Yeah, that's pretty shitty writing on my part. Those who've discussed what happened above or felt like they were effected by it probably know what I was getting at. Ignore the confusion I've caused. Not suggesting that there's a reason not to go to one of these swaps if you want to. Get amongst it.


----------



## proudscum (28/2/11)

be keen as mustard just need to find 30 longnecks.....


----------



## donmateo (1/3/11)

WarmBeer said:


> Despite the awesome quality of the beers contributed, last years Vic Xmas case swap was a "reduced" affair.
> ...



I agree about the quality of the beers last swap - for me easily the best swap I've participated in.
I'd be happy if there were a couple of swaps a year - but it would be good to have a size of 24 or less as it gives room for tasters, and a few to put aside.


----------



## WarmBeer (1/3/11)

Stuff it. Couldn't be bothered waiting around any longer, so I made the case swap list, it's in the Articles section.

Now, WTF am I gonna brew?


----------



## zebba (1/3/11)

Agree on 24 cap.

I like the idea of 2 a year, but last year the summer was wayyy to close to the mid-year - and I don't think there is any way around that. If I had to choose, it'd be mid year.


----------



## Siborg (1/3/11)

WarmBeer said:


> Stuff it. Couldn't be bothered waiting around any longer, so I made the case swap list, it's in the Articles section.
> 
> Now, WTF am I gonna brew?


Good stuff WB.

The last two swaps have been awesome. Even the last one, although less people, it was good to sit down and say "this is 'X's' beer: have a go at evaluating it and offer some unbiased feedback on the forum... at the least enjoy a decent beer from everyone who you meet at the swap, and get some honest feedback about your own beer."

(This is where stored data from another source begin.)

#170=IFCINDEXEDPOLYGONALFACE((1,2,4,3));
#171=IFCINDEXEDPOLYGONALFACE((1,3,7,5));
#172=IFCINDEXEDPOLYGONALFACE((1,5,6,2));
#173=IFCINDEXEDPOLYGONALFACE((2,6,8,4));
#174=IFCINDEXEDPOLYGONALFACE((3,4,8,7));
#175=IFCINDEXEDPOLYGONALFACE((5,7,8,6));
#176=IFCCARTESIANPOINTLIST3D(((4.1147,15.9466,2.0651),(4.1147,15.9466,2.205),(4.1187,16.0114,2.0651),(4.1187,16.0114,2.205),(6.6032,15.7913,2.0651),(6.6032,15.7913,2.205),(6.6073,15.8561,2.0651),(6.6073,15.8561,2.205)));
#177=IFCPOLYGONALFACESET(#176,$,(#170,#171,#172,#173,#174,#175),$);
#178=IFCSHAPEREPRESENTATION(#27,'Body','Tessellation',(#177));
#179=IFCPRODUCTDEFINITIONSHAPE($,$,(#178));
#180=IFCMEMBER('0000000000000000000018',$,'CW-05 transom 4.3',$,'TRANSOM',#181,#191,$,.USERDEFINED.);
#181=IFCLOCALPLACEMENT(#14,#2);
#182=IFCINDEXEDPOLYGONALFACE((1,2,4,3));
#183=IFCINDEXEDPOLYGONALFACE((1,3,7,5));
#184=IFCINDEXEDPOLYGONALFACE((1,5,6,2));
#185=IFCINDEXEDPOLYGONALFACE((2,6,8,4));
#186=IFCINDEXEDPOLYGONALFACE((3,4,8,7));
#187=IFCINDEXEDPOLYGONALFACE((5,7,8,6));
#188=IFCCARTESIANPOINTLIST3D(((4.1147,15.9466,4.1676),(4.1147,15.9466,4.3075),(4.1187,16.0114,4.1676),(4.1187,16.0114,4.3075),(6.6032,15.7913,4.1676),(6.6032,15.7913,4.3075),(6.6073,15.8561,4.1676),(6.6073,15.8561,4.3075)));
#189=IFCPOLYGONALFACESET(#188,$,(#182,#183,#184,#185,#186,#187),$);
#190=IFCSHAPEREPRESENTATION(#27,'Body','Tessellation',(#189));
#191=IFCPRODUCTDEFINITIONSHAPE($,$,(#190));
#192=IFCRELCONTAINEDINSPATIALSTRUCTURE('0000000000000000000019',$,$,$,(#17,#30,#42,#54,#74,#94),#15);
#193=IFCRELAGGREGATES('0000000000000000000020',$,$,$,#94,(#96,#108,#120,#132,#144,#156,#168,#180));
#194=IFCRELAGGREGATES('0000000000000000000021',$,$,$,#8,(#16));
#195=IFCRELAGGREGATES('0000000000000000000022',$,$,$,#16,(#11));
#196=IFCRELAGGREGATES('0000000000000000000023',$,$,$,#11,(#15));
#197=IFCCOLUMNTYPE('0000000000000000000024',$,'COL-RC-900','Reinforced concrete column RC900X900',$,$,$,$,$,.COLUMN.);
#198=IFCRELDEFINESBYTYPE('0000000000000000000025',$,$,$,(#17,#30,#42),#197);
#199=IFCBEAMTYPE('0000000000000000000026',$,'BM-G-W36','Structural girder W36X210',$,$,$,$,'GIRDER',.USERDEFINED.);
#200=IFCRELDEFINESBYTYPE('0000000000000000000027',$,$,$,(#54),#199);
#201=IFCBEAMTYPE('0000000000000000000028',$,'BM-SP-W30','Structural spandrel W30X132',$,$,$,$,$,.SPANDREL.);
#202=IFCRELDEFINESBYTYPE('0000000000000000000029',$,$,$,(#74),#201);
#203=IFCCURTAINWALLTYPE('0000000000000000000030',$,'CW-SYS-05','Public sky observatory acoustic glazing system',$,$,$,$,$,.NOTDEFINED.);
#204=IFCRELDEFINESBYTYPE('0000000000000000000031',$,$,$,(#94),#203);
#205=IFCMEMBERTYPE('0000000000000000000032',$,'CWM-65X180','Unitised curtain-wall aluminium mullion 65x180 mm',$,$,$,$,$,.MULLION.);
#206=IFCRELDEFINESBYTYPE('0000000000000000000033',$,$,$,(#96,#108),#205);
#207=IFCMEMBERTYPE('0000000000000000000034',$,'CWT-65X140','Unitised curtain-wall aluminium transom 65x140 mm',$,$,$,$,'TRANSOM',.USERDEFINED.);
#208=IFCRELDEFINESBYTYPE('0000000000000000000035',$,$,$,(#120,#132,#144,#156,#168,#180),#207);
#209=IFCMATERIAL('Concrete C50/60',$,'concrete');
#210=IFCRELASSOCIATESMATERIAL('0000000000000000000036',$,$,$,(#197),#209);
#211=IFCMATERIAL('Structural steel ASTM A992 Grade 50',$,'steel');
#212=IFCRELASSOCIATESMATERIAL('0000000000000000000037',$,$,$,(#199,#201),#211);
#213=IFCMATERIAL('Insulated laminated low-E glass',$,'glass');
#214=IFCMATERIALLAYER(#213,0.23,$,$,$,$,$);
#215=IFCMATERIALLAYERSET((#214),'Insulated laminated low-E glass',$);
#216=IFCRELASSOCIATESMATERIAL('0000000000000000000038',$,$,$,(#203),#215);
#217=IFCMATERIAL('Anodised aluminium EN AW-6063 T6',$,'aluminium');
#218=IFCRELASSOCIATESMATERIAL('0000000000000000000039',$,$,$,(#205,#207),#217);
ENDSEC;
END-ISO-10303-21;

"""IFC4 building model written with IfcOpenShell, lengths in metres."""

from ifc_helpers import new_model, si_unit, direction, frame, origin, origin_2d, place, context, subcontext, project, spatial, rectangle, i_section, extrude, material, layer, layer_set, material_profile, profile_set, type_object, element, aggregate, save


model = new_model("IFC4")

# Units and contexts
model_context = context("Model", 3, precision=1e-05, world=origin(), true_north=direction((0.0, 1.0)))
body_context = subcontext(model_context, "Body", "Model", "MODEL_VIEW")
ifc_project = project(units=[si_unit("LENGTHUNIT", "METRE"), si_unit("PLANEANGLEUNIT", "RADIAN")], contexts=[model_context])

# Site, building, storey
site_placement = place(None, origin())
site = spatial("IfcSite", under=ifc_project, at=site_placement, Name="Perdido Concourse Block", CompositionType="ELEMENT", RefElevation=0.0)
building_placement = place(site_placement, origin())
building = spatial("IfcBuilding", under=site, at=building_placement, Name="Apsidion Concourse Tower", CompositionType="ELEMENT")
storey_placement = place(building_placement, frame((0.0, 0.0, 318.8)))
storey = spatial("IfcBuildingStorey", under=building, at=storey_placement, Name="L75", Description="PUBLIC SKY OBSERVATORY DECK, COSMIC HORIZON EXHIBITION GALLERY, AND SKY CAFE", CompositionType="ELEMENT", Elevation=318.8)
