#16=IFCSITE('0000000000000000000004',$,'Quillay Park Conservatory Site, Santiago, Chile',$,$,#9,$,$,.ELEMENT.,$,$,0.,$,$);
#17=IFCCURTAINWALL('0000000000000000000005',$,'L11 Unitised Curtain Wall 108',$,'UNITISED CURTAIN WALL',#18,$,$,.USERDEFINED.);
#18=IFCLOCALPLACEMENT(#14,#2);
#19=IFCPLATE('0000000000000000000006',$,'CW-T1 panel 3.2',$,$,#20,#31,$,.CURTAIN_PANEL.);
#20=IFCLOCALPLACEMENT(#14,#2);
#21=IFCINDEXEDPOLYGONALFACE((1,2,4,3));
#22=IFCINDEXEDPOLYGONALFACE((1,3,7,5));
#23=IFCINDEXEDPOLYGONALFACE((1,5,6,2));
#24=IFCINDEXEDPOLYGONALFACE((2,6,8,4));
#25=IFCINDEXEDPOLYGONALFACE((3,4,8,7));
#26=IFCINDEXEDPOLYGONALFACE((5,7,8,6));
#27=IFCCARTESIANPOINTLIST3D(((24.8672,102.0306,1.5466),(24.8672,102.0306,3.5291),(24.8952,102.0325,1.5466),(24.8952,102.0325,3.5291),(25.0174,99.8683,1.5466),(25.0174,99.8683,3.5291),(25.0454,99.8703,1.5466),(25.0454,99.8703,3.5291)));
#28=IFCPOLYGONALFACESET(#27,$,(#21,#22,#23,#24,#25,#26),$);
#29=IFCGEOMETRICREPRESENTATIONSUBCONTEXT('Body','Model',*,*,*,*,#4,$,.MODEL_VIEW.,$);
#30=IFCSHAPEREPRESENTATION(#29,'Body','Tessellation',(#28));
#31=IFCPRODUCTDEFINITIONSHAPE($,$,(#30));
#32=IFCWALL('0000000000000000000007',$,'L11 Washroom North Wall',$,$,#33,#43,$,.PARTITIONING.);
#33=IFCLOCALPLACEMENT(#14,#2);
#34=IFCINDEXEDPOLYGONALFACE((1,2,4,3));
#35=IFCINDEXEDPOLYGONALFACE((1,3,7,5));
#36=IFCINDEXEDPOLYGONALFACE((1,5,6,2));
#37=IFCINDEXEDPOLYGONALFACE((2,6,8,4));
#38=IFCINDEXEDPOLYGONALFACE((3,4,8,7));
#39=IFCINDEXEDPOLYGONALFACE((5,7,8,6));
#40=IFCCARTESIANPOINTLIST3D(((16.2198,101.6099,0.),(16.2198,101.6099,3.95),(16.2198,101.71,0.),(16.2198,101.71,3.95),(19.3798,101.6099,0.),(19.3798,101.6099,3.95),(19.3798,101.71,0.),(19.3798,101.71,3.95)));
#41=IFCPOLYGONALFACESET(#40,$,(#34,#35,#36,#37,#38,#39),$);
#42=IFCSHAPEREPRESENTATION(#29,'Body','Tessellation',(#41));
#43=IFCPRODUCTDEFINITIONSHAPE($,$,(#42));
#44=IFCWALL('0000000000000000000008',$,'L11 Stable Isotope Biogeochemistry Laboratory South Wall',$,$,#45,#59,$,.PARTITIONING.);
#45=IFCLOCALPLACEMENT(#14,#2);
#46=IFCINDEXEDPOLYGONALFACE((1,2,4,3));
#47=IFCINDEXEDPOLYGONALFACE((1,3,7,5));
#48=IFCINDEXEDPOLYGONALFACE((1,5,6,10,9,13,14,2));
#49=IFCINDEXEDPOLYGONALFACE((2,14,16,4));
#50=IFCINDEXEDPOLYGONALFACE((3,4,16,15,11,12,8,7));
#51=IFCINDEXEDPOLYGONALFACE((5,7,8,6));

Just do it I say... and don't forget to brew!


----------



## StraussyStrauss (1/3/11)

Well I've thrown my name into the ring...

I was an attendee at the last swap...for all of 20 mins!


----------



## Siborg (1/3/11)

was still good to meet ya... be good to try your brew. what are you thinking of brewing?


----------



## StraussyStrauss (2/3/11)

Siborg said:


> was still good to meet ya... be good to try your brew. what are you thinking of brewing?




I'm not sure yet...I don't see it being too 'way out'. Altho I really enjoy beers that you don't see every day.

What is the feeling of case swaps? Are they expiermental (or just mental), or do people put up there tried and tested brews? :wacko:


----------



## Siborg (2/3/11)

StraussyStrauss said:


> I'm not sure yet...I don't see it being too 'way out'. Altho I really enjoy beers that you don't see every day.
> 
> What is the feeling of case swaps? Are they expiermental (or just mental), or do people put up there tried and tested brews? :wacko:


opening up a can o worms there.

I have pulled a fluke with a James Squire Amber ale clone. The Xmas one was a tweak on a previously brewed scottish ale recipe.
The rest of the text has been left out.